In response to these challenges, since 2006, Beihang’s Engineering Mechanics program has proactively planned for the country’s urgent demand for future aerospace mechanics talents. The program has strengthened its curriculum by integrating mathematics, physics, and mechanics, while optimizing courses in aerospace and space technology. By merging education with scientific research and collaborating with enterprises to gather advantageous resources, the program has sparked students’ internal motivation through space-related issues and missions. Moreover, through multidimensional evaluation and positive feedback, the program has enhanced the quality of teaching. These efforts have achieved significant results, such as the selection of Beihang’s Engineering Mechanics program as one of the first national-level “First-Class Undergraduate Programs”, as well as its designation as a key program under the “Strengthening the Foundation Plan” and the “Top Talent Program 2.0” base. It has become a primary supporting program for the Ministry of Education’s first batch of “Future Aerospace Technology Colleges”. Undergraduate students have consistently ranked first nationwide in the “National Zhou Peiyuan College Student Mechanics Competition” for three consecutive years, and won the first prize in the team competition for two years in a row. The undergraduate-led “Fengru No. 3” long-endurance Unmanned Aerial Vehicle (UAV) team has set two world records and won the Grand Prize in the “Challenge Cup”. Furthermore, the employment and further education rate of graduates in the aerospace and defense sectors has been increasing year by year, reaching 80% in 2020.
CHALLENGES IN THE CULTIVATION OF TOP-TIER TALENTS IN AEROSPACE MECHANICS
General Secretary Xi Jinping emphasized at the Central Talent Work Conference that the talent evaluation system must be improved, with the acceleration of establishing an evaluation system oriented toward innovation value, capability, and contribution. The goal is to form and implement an evaluation system that is conducive to scientific and technological talents dedicating themselves to research and innovation (Xi, 2021). Top-tier talents are the epitome of human wisdom and ability. Integrating a competency-oriented approach into the cultivation of top-tier talents clarifies the cultivation objectives (Lu, 2022), enhances the objectivity of evaluation (Liu, 2016), and increases the relevance of assessments (Fu et al., 2023) By establishing and refining a talent development system based on creativity and leadership orientation, a more scientific, objective, and accurate talent evaluation system can be created (Sheng et al., 2016), providing strong support for the discovery, cultivation, and selection of top-tier talents (Figure 2).
Figure 2. Framework for the process of cultivating top talents in aerospace mechanics.
It is evident that, both at the national level and from the perspective of student development, it is imperative for universities to assume a historical mission. There is a pressing need to establish a competency-oriented talent development system for top-tier innovative talents in aerospace mechanics (Hao, 2022). However, this effort faces the following challenges:
(1) The interdisciplinary nature of engineering mechanics problems in aerospace is constantly increasing. How can we design a curriculum system that integrates education and science to help students acquire multiple skills, thereby elevating these skills into a sense of patriotism and national responsibility?
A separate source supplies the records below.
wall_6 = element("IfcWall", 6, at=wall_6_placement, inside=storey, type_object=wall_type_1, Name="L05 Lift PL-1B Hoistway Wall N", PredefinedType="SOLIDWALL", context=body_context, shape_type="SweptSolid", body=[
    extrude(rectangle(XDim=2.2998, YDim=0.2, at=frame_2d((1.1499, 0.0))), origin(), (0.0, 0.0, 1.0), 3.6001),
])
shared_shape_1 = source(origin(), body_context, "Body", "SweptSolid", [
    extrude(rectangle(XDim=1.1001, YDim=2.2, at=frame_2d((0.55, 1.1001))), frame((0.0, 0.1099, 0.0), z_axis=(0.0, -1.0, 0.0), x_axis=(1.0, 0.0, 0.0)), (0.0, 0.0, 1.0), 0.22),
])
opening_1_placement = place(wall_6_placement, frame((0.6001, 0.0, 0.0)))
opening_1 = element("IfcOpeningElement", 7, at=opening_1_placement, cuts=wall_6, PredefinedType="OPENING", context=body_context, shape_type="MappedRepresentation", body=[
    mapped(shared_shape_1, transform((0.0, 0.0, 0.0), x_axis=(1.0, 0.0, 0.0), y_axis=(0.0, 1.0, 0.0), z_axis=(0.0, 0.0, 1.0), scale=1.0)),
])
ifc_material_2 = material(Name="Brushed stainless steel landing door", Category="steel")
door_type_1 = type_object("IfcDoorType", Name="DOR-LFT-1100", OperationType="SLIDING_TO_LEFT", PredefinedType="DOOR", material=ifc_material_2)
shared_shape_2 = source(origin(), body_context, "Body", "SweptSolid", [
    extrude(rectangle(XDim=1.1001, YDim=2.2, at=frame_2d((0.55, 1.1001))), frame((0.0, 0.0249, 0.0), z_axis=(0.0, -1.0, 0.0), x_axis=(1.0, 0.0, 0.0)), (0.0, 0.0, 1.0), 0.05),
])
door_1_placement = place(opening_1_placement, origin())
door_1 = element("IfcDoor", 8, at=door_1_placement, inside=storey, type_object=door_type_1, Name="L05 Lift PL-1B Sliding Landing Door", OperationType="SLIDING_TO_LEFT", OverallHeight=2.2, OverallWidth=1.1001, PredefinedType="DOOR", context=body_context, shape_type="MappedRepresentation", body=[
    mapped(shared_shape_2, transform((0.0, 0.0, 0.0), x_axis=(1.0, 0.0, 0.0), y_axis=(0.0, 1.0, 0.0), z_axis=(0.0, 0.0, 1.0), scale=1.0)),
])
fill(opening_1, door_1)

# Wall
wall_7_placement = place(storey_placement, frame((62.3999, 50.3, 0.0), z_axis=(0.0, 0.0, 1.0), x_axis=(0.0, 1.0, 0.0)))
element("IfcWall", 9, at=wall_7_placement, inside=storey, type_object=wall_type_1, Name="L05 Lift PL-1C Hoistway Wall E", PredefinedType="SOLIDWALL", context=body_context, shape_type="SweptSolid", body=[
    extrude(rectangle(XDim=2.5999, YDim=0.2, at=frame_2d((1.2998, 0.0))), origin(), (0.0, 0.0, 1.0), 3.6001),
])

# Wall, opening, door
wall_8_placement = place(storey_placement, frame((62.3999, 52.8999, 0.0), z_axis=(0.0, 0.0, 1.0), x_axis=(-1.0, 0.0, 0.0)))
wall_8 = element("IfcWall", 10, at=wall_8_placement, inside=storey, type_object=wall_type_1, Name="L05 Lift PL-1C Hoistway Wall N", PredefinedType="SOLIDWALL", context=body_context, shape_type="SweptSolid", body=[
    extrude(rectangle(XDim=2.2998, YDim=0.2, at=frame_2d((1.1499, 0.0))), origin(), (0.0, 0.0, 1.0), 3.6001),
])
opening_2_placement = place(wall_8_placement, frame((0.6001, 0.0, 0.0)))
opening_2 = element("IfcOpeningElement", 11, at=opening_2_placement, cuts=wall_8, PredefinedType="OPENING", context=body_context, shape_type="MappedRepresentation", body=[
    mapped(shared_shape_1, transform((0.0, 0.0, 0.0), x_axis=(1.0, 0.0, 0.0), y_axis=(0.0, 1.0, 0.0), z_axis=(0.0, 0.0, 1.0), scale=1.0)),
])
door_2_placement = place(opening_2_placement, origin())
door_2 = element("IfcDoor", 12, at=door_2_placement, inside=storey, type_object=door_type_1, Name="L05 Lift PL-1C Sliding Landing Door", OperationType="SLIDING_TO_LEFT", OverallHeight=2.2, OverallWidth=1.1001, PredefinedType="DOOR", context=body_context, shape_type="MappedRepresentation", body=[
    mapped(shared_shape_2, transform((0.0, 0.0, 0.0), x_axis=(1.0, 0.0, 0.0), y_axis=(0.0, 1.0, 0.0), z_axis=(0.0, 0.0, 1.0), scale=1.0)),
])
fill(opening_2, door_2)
(2) Aerospace technology is highly practical and develops rapidly. How can we create an immersive environment that fosters innovation and leadership in students, while aligning social value goals with individual development needs?
(3) The difficulty of mechanics courses and the long time required for talent development are significant challenges. How can we construct a multi-dimensional, collaborative talent development mechanism that aligns with the country’s science and technology strategy, ensuring the implementation of a competency-oriented system for cultivating top-tier aerospace mechanics talents?
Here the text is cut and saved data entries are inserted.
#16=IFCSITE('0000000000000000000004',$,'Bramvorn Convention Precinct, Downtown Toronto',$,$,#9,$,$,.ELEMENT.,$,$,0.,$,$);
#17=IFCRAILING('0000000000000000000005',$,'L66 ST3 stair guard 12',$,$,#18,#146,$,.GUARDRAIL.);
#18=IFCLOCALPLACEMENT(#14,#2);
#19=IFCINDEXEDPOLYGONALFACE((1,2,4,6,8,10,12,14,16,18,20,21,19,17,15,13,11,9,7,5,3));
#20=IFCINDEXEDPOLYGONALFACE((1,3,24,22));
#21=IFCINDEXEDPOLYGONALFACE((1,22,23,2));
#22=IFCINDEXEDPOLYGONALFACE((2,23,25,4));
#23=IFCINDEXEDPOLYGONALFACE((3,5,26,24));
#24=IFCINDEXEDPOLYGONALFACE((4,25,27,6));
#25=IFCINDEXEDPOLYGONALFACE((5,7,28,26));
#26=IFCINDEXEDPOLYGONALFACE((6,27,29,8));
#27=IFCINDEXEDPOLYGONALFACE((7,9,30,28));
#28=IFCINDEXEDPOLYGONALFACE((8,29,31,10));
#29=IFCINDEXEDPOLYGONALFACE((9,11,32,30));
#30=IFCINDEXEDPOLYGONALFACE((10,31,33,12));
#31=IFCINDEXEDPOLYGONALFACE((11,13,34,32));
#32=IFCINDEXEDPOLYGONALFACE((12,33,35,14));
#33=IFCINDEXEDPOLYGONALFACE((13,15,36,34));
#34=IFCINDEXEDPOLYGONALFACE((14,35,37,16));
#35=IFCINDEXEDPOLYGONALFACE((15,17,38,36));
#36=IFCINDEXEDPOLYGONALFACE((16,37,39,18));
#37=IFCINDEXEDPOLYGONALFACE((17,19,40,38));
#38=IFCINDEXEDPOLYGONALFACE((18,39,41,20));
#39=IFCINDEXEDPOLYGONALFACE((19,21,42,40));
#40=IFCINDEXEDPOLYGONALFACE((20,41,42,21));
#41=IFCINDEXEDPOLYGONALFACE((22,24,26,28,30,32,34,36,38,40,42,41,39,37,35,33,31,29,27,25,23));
NEW CONCEPTS AND MEASURES FOR CULTIVATING TOP-TIER TALENTS IN AEROSPACE MECHANICS
Analysis of capabilities of top-tier innovative talents in aerospace mechanics
Based on a systematic case study of leading talents and top students, this research delves into the experiences and stages during students’ academic years that contribute to their proactive learning and outstanding achievements. It further explores the career paths of students who have demonstrated exceptional performance and whether they continue to excel after entering the workforce. Additionally, the study investigates which experiences and factors in the workplace motivate individuals to strive for excellence and achieve high performance. By comparing these two aspects, we explore the correlation between students’ academic performance and their professional success, the extent to which the skills developed during their academic years are transferred to their work, and the influence of these experiences. Ultimately, we aim to identify the types of abilities that should be cultivated during students’ academic years and the methods through which these abilities can be sustained and applied in their professional careers, helping top students evolve into industry leaders.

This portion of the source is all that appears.